In Byrne v. United States, 119 AFTR2d 2017-1824, the Sixth Circuit Court of Appeals reversed a Michigan Federal District Court, determining that the Chief Executive Officer and President did not willfully fail to pay over payroll taxes when they had no actual knowledge and relied on incorrect audited financial statements showing no unpaid taxes and accordingly did not personally investigate despite prior issues of unpaid taxes.
In an Executive Order, President Trump directed that tax-exempt status not be denied nor any penalty be imposed on any religious organization for taking a political stance from a religious perspective.
In Letter Ruling 201717010, IRS determined that a C corporation which performed a particular medical test and prepared a laboratory report for health providers was eligible for the 100 percent exclusion on the disposition of small business stock, finding that it was not engaged in performing nonqualifying services in the field of health.
In United States v. Padron, 119 AFTR2d 2017-764, a Texas Federal District Court, noting that the courts are in disagreement, determined that IRS can get an injunction against a taxpayer (here one owing over $2.7 million in unpaid payroll taxes) if appropriate for the enforcement of Internal Revenue laws without reference to the traditional equitable factors which would have required irreparable harm to IRS if the injunction were not granted, a balancing between this harm and the potential injury to the taxpayer, the probability that IRS would succeed on the merits and the public interest.
In Bulakites v. Commissioner, TC Memo 2017-79, the Tax Court imposed the accuracy penalty on an individual who claimed improper deductions for alimony, interest and a net operating loss and blamed it on TurboTax; the Court noted that “tax preparation software is only as good as the information one inputs into it.”
In Ervin v. United States, 119 AFTR2d 2017-725, a Kentucky Federal District Court required IRS to refund an accuracy-related penalty based on a jury verdict notwithstanding that the taxpayer had received a settlement from the tax advisor which might constitute a double recovery.
In Rubel v. Commissioner, 119 AFTR2d 2017-742, the Third Circuit Court of Appeals agreed with the Tax Court that the Tax Court had no jurisdiction to hear an appeal from denial of innocent spouse status when the petition was filed after the 90th day notwithstanding an intervening letter from IRS following the Notice of Deficiency which gave an incorrect deadline for filing the petition.
In Cardaci v. United States, 119 AFTR2d 2017-1735, the Third Circuit Court of Appeals disagreed with a Pennsylvania District Court and stated that actuarial considerations are required in determining the percentage of proceeds that IRS retains on the forced sale of tenants by the entirety real estate; the Court distinguished real estate from cash accounts held as tenants by the entirety.

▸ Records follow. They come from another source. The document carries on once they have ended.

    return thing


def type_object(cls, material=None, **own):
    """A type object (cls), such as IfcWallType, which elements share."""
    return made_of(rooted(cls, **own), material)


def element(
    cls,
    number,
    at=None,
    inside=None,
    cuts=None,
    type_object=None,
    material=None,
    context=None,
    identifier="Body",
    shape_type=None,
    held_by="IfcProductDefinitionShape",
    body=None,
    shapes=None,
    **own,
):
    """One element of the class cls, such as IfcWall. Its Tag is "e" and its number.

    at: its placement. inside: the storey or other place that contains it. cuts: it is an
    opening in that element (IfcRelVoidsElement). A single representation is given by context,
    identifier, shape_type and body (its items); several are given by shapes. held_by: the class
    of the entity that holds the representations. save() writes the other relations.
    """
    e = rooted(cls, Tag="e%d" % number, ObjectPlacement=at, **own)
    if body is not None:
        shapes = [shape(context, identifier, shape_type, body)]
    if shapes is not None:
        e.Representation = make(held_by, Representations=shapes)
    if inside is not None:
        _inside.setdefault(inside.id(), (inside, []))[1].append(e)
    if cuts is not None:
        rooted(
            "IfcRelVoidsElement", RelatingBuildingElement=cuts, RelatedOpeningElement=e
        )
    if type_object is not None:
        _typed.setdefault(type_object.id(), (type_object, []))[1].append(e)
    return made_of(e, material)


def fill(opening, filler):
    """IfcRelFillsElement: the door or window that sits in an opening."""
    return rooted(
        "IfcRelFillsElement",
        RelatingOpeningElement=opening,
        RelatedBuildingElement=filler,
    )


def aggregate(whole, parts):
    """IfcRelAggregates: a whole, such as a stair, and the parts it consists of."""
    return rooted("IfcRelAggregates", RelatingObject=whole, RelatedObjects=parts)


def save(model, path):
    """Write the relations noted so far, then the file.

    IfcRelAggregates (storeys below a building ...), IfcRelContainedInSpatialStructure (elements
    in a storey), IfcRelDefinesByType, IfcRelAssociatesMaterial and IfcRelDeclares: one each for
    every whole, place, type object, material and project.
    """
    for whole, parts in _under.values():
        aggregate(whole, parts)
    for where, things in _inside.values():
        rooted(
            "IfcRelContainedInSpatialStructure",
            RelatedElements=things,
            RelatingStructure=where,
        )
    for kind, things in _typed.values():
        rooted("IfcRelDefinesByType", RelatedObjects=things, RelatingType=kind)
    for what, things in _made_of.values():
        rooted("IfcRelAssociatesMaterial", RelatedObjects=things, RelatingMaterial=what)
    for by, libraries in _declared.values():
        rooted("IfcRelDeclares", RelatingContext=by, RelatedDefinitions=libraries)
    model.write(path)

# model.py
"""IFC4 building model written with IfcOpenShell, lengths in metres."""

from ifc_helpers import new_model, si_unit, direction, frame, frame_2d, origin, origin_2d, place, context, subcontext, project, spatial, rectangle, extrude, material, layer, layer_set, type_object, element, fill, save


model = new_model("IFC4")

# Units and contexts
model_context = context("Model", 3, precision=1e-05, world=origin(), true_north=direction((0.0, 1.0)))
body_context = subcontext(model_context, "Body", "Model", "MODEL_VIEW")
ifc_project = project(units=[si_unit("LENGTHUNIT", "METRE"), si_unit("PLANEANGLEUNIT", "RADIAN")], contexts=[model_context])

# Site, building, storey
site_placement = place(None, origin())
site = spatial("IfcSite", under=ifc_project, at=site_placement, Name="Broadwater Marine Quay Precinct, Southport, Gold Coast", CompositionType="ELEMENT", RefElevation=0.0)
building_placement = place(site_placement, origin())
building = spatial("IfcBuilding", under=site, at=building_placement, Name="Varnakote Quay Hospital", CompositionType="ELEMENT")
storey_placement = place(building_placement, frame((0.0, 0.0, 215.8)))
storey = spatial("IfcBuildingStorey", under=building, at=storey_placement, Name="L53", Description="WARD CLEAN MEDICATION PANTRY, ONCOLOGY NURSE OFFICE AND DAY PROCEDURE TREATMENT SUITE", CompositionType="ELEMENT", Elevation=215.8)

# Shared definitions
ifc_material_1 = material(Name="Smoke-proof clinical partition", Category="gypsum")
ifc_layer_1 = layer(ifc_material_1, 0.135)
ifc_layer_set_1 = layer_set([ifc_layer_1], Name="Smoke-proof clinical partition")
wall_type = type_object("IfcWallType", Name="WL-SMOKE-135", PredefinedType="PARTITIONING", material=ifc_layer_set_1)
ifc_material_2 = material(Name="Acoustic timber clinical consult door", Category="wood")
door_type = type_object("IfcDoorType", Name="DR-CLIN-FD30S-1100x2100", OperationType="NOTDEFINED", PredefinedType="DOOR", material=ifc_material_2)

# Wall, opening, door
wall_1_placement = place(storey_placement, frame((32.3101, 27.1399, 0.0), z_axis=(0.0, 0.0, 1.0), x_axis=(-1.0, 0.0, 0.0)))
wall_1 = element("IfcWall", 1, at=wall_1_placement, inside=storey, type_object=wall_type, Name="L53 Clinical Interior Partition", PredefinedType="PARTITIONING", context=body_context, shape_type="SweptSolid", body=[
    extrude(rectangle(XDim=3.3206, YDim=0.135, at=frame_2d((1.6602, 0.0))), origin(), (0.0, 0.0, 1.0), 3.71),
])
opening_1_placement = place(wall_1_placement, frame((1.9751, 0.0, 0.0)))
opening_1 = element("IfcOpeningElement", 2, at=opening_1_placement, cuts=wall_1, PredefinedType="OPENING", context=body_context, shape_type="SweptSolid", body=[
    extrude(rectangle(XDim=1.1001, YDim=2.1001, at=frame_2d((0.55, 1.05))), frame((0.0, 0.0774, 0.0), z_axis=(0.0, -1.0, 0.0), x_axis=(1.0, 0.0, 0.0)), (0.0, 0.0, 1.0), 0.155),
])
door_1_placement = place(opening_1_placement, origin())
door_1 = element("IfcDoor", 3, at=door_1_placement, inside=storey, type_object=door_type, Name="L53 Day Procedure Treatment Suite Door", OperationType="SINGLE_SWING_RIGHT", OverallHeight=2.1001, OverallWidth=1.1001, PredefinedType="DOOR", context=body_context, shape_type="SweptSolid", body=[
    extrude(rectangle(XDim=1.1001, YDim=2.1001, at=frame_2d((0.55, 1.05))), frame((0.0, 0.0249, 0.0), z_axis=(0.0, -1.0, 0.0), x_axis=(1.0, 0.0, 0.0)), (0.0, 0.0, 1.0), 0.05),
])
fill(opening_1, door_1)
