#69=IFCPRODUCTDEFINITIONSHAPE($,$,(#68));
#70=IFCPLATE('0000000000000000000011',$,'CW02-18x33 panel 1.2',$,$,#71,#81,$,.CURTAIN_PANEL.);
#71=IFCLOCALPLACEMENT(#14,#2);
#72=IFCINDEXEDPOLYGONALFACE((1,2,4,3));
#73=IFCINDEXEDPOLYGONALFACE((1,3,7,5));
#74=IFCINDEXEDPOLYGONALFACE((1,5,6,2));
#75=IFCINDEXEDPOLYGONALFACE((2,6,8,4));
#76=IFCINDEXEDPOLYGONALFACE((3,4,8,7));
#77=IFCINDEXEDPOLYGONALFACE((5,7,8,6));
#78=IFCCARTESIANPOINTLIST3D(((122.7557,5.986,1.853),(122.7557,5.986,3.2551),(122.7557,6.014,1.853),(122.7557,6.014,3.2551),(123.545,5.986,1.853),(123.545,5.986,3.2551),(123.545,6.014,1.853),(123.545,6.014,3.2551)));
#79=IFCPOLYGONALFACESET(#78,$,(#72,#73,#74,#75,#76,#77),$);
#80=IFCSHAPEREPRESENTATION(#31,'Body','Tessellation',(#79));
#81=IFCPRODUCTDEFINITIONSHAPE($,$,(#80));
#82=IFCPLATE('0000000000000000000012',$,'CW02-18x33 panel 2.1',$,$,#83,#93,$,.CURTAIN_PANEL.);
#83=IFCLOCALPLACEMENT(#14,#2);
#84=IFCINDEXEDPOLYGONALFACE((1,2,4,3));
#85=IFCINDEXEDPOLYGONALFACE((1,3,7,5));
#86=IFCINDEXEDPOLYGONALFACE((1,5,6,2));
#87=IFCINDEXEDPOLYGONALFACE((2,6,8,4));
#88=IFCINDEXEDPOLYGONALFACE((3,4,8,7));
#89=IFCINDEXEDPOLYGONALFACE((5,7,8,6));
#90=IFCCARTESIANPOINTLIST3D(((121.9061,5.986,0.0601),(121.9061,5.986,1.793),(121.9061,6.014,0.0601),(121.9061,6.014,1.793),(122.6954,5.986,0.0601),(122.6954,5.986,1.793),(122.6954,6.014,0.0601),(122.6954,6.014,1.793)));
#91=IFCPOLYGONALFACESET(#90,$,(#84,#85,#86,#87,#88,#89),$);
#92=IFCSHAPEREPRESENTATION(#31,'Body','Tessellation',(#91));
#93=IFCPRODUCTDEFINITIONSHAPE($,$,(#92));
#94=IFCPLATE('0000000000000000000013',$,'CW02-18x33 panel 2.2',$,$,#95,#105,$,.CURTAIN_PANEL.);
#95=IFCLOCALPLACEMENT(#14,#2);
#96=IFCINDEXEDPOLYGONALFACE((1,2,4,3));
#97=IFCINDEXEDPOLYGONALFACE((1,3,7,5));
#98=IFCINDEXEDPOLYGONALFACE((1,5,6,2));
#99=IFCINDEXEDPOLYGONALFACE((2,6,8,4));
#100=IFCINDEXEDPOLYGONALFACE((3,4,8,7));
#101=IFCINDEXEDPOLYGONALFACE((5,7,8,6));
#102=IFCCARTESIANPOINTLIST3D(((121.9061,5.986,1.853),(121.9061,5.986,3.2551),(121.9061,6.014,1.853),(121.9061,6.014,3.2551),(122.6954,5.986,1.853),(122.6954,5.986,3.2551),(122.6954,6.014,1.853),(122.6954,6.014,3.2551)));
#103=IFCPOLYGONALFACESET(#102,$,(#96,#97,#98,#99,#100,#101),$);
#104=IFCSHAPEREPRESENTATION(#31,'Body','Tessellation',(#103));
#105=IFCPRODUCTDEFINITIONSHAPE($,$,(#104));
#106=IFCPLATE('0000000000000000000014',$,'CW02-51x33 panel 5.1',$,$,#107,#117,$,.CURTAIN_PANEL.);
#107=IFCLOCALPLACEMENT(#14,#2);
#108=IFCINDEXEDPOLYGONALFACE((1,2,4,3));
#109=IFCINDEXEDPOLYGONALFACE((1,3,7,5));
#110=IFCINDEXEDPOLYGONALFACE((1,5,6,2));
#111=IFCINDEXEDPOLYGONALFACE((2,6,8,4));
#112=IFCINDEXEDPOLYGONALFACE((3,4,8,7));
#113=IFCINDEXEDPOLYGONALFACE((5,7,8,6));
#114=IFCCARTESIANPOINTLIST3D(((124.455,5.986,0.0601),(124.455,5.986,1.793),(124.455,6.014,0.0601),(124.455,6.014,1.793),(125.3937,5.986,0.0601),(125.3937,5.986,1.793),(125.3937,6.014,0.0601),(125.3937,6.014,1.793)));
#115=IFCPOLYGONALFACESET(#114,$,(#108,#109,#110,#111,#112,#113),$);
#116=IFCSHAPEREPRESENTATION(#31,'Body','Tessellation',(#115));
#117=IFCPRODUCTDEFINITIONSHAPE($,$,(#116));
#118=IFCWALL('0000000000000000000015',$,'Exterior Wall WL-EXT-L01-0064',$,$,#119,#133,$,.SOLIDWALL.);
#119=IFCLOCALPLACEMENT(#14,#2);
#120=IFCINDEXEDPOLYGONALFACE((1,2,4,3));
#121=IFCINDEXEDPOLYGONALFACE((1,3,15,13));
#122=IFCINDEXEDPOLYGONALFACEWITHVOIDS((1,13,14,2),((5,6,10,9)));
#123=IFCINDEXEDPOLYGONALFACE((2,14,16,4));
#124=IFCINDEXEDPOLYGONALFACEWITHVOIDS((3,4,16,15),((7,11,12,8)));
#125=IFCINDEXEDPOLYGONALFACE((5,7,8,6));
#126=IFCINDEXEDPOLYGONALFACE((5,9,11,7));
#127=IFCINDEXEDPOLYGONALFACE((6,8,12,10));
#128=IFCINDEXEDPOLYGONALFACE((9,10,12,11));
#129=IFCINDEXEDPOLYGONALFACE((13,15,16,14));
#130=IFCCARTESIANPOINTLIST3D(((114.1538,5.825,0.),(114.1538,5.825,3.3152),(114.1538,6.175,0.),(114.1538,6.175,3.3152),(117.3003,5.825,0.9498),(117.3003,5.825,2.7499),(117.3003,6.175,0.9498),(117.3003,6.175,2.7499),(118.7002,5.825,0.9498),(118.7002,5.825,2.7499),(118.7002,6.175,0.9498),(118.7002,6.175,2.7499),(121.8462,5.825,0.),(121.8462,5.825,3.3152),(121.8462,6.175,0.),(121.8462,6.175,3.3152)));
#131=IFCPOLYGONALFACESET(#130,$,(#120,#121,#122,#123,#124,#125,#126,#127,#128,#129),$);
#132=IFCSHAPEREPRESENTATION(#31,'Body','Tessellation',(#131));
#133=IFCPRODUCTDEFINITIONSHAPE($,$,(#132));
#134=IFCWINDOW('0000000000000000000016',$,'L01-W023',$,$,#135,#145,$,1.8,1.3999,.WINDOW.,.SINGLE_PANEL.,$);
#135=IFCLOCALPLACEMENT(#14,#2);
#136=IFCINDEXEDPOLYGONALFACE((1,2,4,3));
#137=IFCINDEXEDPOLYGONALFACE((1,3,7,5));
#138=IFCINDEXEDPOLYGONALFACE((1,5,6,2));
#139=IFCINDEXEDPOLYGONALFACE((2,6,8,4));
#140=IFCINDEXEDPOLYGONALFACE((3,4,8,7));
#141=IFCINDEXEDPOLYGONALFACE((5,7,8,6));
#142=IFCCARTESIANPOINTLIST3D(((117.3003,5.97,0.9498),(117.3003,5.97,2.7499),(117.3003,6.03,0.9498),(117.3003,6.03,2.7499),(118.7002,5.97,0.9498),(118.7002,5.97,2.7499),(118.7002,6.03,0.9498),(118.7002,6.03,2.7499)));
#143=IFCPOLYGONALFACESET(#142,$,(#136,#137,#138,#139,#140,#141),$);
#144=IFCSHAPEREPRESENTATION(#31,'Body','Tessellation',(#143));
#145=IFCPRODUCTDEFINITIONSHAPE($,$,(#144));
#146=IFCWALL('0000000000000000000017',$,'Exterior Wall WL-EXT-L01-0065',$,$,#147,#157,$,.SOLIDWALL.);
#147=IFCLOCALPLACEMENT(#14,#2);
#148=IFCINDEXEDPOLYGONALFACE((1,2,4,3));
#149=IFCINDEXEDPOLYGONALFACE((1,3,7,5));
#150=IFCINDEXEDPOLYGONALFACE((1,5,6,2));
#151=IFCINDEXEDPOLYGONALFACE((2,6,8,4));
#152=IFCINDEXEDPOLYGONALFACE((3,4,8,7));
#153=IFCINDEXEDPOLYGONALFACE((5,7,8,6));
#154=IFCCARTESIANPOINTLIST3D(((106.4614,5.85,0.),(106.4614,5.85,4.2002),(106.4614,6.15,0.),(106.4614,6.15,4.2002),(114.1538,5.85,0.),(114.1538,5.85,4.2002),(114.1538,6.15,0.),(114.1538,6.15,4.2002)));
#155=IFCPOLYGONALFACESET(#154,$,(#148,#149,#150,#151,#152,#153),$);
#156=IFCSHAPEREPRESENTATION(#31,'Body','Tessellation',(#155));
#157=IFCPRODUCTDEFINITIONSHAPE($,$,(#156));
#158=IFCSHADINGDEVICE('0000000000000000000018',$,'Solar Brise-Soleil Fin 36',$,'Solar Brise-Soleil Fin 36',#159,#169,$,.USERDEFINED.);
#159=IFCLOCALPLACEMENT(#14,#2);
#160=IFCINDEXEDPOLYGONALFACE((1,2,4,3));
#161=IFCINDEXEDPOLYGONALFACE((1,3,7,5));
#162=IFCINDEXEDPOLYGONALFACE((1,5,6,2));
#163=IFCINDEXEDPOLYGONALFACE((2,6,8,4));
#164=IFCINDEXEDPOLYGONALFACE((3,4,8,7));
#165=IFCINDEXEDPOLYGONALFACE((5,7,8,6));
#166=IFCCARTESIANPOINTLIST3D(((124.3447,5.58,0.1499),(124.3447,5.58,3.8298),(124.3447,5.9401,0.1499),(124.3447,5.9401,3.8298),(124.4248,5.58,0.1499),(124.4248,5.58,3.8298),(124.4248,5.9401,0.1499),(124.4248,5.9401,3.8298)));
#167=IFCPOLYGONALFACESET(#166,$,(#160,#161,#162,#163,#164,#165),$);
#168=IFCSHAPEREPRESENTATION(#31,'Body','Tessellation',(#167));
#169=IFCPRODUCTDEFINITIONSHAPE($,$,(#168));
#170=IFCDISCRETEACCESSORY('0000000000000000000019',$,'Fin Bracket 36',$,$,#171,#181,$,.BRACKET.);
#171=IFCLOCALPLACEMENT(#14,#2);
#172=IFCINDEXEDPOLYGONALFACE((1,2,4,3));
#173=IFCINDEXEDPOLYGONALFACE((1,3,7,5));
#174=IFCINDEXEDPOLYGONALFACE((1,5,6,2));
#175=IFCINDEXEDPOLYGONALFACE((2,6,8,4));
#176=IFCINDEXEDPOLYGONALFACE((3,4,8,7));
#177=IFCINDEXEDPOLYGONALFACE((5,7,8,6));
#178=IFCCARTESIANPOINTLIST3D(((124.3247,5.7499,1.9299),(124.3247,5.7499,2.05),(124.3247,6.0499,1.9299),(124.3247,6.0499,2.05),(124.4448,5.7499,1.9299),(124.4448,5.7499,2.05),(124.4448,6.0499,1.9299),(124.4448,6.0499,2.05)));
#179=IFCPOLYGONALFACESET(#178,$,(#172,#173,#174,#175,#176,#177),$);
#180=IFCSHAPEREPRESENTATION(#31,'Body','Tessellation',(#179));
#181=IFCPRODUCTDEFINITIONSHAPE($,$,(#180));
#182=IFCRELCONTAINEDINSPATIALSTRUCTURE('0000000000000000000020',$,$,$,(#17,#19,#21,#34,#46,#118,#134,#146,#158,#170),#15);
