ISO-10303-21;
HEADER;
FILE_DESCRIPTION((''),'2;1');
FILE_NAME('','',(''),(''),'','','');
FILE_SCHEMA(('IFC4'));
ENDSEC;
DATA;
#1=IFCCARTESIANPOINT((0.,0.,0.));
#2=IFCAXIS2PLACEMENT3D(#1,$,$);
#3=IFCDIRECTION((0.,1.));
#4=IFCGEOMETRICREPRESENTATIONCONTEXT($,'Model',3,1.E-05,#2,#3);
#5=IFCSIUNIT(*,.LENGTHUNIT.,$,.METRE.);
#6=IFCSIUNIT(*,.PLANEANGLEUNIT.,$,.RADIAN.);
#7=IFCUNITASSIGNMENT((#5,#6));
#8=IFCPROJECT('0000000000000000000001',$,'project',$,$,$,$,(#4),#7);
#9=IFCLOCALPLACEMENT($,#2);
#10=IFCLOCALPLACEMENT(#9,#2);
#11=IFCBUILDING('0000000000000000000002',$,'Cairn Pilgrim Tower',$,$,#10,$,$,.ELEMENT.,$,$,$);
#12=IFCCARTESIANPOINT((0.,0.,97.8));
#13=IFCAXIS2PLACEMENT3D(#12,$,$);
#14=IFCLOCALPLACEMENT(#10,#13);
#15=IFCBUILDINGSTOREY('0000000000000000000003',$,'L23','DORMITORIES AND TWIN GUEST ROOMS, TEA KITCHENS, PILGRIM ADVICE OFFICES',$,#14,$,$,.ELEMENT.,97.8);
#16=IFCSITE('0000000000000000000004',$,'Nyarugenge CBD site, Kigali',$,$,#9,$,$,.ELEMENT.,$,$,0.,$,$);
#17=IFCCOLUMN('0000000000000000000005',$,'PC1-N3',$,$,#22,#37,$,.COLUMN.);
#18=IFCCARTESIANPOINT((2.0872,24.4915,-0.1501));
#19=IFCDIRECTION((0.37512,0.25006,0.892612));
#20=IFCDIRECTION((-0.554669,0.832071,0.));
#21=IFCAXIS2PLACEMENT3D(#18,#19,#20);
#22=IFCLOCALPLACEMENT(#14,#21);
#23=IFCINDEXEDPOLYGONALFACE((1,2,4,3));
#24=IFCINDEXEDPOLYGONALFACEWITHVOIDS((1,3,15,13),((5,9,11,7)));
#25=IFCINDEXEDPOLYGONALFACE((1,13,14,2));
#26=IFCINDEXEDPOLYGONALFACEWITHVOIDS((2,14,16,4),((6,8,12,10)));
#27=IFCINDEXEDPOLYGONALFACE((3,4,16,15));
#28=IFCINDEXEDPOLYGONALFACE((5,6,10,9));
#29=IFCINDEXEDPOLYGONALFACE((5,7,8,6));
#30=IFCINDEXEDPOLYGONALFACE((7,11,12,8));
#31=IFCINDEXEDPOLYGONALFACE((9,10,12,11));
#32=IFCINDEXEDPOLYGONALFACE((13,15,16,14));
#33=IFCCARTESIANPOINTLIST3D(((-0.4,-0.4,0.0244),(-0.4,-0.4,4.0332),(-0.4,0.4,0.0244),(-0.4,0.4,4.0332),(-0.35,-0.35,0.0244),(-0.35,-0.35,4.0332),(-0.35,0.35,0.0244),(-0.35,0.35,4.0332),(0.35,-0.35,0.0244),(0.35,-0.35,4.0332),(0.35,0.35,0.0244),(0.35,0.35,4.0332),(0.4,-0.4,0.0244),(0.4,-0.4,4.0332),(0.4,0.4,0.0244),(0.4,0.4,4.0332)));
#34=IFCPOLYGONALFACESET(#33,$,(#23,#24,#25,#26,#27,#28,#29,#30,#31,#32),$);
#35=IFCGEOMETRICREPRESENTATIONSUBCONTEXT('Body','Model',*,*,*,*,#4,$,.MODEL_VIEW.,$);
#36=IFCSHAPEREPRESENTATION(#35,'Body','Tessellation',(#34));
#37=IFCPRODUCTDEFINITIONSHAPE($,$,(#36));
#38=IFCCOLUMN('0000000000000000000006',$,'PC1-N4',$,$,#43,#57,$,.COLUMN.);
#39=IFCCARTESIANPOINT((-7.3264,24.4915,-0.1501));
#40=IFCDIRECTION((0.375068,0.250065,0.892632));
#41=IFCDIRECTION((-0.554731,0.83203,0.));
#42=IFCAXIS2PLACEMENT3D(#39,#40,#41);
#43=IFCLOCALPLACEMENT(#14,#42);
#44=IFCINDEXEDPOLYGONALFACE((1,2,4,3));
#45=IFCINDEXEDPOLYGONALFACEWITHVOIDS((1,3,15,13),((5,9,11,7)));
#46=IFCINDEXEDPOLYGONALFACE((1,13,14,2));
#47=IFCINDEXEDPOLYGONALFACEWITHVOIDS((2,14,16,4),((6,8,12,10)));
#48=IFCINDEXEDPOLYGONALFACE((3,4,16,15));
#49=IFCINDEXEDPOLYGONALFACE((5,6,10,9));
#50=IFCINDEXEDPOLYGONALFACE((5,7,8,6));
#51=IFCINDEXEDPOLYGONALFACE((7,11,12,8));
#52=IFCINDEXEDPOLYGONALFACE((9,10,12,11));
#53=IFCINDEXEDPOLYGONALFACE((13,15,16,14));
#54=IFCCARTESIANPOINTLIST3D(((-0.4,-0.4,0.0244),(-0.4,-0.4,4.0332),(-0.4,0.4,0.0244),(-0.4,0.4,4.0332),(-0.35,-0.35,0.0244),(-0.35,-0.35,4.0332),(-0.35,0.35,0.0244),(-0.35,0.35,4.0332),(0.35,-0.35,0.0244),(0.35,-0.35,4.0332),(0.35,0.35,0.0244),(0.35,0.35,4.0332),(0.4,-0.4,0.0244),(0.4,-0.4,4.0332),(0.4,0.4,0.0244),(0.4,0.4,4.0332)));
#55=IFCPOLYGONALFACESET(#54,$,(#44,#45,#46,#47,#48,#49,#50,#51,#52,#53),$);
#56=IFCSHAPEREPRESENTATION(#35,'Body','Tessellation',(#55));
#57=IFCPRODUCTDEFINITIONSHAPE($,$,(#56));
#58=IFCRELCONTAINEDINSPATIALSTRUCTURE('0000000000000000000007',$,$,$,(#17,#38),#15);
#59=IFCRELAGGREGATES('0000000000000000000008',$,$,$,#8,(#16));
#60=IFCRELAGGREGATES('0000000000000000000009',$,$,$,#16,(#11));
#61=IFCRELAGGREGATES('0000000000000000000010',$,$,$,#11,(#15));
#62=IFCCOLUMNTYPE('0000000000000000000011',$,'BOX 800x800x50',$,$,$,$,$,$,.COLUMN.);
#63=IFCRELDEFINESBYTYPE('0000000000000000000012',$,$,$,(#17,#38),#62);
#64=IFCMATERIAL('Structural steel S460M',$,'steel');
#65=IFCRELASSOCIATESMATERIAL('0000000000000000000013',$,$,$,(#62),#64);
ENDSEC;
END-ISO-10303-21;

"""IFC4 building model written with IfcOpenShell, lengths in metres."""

from ifc_helpers import new_model, si_unit, direction, frame, origin, origin_2d, place, context, subcontext, project, spatial, hollow_rectangle, extrude, clip, halfspace, material, material_profile, profile_set, type_object, element, save


model = new_model("IFC4")

# Units and contexts
model_context = context("Model", 3, precision=1e-05, world=origin(), true_north=direction((0.0, 1.0)))
body_context = subcontext(model_context, "Body", "Model", "MODEL_VIEW")
ifc_project = project(units=[si_unit("LENGTHUNIT", "METRE"), si_unit("PLANEANGLEUNIT", "RADIAN")], contexts=[model_context])

# Site, building, storey
site_placement = place(None, origin())
site = spatial("IfcSite", under=ifc_project, at=site_placement, Name="Nyarugenge CBD site, Kigali", CompositionType="ELEMENT", RefElevation=0.0)
building_placement = place(site_placement, origin())
building = spatial("IfcBuilding", under=site, at=building_placement, Name="Cairn Pilgrim Tower", CompositionType="ELEMENT")
storey_placement = place(building_placement, frame((0.0, 0.0, 97.8)))
storey = spatial("IfcBuildingStorey", under=building, at=storey_placement, Name="L23", Description="DORMITORIES AND TWIN GUEST ROOMS, TEA KITCHENS, PILGRIM ADVICE OFFICES", CompositionType="ELEMENT", Elevation=97.8)

# Columns
ifc_material_1 = material(Name="Structural steel S460M", Category="steel")
ifc_material_profile_1 = material_profile(ifc_material_1, hollow_rectangle(XDim=0.8, YDim=0.8, WallThickness=0.05, at=origin_2d()), Name="BOX 800x800x50")
ifc_profile_set_1 = profile_set([ifc_material_profile_1], Name="Structural steel S460M")
column_type_1 = type_object("IfcColumnType", Name="BOX 800x800x50", PredefinedType="COLUMN", material=ifc_profile_set_1)
for number, where, z_axis, x_axis, name in (
    (1, (2.0872, 24.4915, -0.1501), (0.37512, 0.25006, 0.892612), (-0.554669, 0.832071, 0.0), "PC1-N3"),
    (2, (-7.3264, 24.4915, -0.1501), (0.375068, 0.250065, 0.892632), (-0.554731, 0.83203, 0.0), "PC1-N4"),
):
    element("IfcColumn", number, at=place(storey_placement, frame(where, z_axis=z_axis, x_axis=x_axis)), inside=storey, type_object=column_type_1, Name=name, PredefinedType="COLUMN", context=body_context, shape_type="Clipping", body=[
        clip(extrude(hollow_rectangle(XDim=0.8, YDim=0.8, WallThickness=0.05, at=origin_2d()), origin(), (0.0, 0.0, 1.0), 4.0332), halfspace(frame((0.0, 0.0, 0.0244), z_axis=(0.0, 0.0, 1.0), x_axis=(1.0, 0.0, 0.0)), True)),
    ])

save(model, "model.ifc")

In Palomares v. Commissioner, 119 AFTR2d 2017-________, the Ninth Circuit Court of Appeals reversed the Tax Court and ruled that an error by a volunteer attorney in filing the “injured spouse” form rather than the “innocent spouse” form on behalf of a non-English speaking battered wife put IRS on sufficient notice of the claim so as not to bar innocent spouse status for failure to timely assert the claim.
In In Re: Giacchi, 119 AFTR2d 2017-733, the US Court of Appeals for the Third Circuit agreed with a Pennsylvania Federal District Court and, following the weight of authority with only the Eighth Circuit disagreeing, ruled that tax liability for a year is nondischargeable in bankruptcy following the preparation of a Substitute for Return by IRS.
In Chief Counsel Advice 201719026, IRS stated that a taxpayer reporting undisclosed income from foreign sources for the eight preceding years under the OVDP program cannot offset years of tax liability with a loss in another year unless the usual statute of limitations has not run on the loss year.